Abstract
Grassland ecosystems cover around 40% of the entire Earth’s surface. Therefore, it is necessary to guarantee good grassland management at field scale in order to improve its conservation and to achieve optimal growth. This study identified the most appropriate statistical strategy, between partial least squares regression (PLSR) and narrow vegetation indices, for estimating the structural and biochemical grassland traits from UAV-acquired hyperspectral images.

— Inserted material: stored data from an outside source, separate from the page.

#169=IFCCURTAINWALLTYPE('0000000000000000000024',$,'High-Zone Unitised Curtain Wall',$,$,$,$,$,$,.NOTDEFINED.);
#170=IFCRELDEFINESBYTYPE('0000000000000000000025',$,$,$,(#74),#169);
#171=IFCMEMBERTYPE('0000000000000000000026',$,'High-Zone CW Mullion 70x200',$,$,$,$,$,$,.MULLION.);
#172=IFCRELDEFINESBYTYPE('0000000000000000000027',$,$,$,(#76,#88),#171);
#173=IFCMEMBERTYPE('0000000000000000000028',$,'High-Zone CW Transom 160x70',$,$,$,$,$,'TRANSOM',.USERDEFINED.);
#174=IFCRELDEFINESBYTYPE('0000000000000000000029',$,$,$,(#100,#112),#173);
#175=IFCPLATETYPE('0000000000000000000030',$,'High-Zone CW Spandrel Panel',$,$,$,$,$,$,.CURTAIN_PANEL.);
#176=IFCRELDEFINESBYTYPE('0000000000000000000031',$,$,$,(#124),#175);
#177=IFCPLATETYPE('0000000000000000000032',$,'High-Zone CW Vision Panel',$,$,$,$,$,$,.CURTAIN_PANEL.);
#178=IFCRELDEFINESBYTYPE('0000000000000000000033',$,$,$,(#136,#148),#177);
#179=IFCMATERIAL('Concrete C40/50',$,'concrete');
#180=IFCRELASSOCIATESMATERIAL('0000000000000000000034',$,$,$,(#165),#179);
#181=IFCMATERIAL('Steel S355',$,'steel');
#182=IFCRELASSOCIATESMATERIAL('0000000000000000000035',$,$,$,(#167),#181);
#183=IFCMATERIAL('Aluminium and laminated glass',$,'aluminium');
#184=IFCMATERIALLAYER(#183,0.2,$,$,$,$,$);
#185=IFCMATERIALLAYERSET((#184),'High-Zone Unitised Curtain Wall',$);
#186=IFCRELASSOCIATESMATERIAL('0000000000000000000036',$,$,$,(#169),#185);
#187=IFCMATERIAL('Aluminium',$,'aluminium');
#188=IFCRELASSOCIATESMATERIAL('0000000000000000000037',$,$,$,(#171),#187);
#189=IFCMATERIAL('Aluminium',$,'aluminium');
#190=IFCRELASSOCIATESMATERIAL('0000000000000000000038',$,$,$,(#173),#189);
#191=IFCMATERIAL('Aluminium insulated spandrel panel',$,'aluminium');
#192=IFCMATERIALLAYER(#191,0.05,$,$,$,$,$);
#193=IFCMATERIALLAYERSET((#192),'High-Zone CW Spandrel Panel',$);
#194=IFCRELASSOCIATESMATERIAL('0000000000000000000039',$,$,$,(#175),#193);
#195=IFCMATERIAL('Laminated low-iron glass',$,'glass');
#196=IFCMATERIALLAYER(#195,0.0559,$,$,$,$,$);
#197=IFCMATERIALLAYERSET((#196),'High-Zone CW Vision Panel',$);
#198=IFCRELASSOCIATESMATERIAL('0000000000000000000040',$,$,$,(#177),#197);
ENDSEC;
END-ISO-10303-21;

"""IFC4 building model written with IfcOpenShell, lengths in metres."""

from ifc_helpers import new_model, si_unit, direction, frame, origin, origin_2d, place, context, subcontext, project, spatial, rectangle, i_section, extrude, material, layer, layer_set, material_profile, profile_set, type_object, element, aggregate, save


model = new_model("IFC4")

Moreover, the influence of fertilizers on plant traits for grasslands was analyzed. Hyperspectral data were collected from an experimental field at the farm Haus Riswick, near Kleve in Germany, for two different flight campaigns in May and October. The collected image blocks were geometrically and radiometrically corrected for surface reflectance. Spectral signatures extracted for the plots were adopted to derive grassland traits by computing PLSR and the following narrow vegetation indices: the MERIS Terrestrial Chlorophyll Index (MTCI), the ratio of the Modified Chlorophyll Absorption in Reflectance and Optimized Soil-Adjusted Vegetation Index (MCARI/OSAVI) modified by Wu, the Red-edge Chlorophyll Index (CIred-edge), and the Normalized Difference Red Edge (NDRE). PLSR showed promising results for estimating grassland structural traits and gave less satisfying outcomes for the selected chemical traits (crude ash, crude fiber, crude protein, Na, K, metabolic energy). Established relations are not influenced by the type and the amount of fertilization, while they are affected by the grassland health status. PLSR is found to be the best strategy, among the approaches analyzed in this paper, for exploring structural and biochemical features of grasslands. Using UAV-based hyperspectral sensing allows for the highly detailed assessment of grassland experimental plots.
Highlights
Grassland covers roughly 40% of the total world land area and this extension corresponds to approximately 52.5 million km2 [1]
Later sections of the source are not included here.